616.4: DB and SL will discuss how best to progress replacement of TW’s role. Ongoing.
617.1: ALL to review and comment on the Tier-2 Evolution document this week to agree a final version next week.
617.2: DC will append a statement to the Tier-2 Evolution document on CMS requirements.
617.3: RJ will establish a priority order for resources to address issues arising.
617.4: JC will document what sites and periods CPU is idle and could be used elsewhere and will summarise in an email to the PMB.
617.5: PG will discuss with Ulrich requirements for GANGA going forward and report back to the PMB.
617.6: TC will discuss with Romain to consider submitting an abstract for CyberUK 2017.
617.7: SL will look into possible saturation at 10% level for LHCBo jobs and determine if more resources should be allocated.

ACTIONS AS OF 19.12.16
======================
610.1: AS/GS Produce suggestions for one or more metrics that will summarise the Tier-1 network availability/performance. Ongoing.
612.3: PG will determine which small sites can undertake procurement this FY. (Update: DB and RJ both had notices from JES system confirming their applications have been approved. PG will discuss with each PI to establish figures and remind them imminent action must be taken). Ongoing.

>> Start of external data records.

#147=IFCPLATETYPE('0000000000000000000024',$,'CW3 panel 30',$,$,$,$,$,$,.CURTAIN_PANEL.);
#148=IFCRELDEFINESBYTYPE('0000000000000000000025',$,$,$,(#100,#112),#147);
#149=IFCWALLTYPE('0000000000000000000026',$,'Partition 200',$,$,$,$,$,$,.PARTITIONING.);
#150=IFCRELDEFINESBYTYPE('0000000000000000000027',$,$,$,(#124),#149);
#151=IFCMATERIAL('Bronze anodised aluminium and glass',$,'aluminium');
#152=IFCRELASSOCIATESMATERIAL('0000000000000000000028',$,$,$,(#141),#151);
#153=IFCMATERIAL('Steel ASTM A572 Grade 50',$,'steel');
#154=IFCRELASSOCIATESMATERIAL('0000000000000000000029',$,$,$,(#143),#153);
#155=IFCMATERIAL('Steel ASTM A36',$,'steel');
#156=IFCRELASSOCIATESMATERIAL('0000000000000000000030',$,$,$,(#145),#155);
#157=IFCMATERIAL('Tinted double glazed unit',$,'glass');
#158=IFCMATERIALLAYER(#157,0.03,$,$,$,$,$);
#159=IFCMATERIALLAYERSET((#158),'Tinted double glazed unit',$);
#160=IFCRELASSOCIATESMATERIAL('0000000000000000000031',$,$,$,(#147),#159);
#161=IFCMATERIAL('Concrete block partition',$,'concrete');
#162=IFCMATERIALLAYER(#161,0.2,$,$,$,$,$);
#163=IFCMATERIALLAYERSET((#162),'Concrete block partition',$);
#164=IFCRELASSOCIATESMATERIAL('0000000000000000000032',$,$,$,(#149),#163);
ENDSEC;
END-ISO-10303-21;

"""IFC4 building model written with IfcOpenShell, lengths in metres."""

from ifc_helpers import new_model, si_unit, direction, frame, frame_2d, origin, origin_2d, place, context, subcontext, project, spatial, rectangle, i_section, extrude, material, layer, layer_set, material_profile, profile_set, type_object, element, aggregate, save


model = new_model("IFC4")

616.2: AS will update the PMB on Tier-1 procurement by next week. Ongoing.
616.3: AS & GS to undertake a sanity check on Janet. (UPDATE: Routing was checked to ensure Tier-1 traffic did not go out over Janet rather OPN. STF site transfers were also checked and will be summarized soon, most data is non-UK destined. Need to look at the federated access and flow level information and understand at a VO level require to be checked. A large test de-bug flow was picked up and eliminated). Ongoing.
616.4: DB and SL will discuss how best to progress replacement of TW’s role. Ongoing.

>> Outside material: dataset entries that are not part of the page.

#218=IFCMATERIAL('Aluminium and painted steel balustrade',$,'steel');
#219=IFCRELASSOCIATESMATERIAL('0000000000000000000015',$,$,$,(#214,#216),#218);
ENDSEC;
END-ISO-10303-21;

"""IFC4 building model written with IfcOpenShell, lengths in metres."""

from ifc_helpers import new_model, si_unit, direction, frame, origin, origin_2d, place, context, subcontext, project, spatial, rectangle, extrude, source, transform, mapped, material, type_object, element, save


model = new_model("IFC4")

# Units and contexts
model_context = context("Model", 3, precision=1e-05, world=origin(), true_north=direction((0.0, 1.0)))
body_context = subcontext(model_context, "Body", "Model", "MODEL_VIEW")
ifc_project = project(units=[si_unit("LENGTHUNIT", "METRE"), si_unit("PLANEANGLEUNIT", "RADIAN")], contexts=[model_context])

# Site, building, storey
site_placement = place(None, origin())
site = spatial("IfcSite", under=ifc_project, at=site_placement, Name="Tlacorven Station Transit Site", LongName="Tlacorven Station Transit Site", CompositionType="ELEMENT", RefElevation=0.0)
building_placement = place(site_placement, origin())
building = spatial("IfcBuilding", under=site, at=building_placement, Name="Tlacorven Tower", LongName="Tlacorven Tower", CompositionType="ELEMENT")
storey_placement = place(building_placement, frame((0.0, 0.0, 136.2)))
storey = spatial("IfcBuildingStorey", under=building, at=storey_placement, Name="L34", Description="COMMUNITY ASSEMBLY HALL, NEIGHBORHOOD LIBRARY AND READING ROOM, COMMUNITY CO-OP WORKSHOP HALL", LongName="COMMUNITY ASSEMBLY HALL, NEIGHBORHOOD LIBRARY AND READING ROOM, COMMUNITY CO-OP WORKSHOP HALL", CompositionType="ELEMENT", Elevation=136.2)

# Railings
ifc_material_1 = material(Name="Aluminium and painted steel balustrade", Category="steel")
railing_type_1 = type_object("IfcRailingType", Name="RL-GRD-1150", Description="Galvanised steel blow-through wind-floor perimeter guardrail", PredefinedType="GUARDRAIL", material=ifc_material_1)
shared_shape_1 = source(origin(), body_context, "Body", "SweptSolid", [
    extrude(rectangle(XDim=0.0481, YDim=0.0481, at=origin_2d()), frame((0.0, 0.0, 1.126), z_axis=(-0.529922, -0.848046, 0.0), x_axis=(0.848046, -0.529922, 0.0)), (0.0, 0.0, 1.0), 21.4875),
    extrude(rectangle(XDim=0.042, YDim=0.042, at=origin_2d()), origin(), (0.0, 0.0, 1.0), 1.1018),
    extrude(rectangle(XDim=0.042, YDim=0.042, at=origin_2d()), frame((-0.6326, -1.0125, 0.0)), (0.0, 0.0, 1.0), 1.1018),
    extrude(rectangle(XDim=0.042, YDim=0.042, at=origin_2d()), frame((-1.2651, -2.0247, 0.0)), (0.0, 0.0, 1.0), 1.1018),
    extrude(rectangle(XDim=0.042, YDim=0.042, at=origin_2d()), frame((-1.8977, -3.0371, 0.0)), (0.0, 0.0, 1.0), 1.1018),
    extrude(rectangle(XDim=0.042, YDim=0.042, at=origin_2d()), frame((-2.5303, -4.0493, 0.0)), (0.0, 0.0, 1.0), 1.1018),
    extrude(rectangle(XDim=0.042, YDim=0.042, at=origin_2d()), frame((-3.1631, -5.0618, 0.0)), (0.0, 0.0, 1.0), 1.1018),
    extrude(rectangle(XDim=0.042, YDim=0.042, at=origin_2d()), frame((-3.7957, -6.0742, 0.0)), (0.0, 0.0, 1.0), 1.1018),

617.1: ALL to review and comment on the Tier-2 Evolution document this week to agree a final version next week.
617.2: DC will append a statement to the Tier-2 Evolution document on CMS requirements.
617.3: RJ will establish a priority order for resources to address issues arising.
617.4: JC will document what sites and periods CPU is idle and could be used elsewhere and will summarise in an email to the PMB.
617.5: PG will discuss with Ulrich requirements for GANGA going forward and report back to the PMB.
617.6: TC will discuss with Romain to consider submitting an abstract for CyberUK 2017.
617.7: SL will look into possible saturation at 10% level for LHCBo jobs and determine if more resources should be allocated.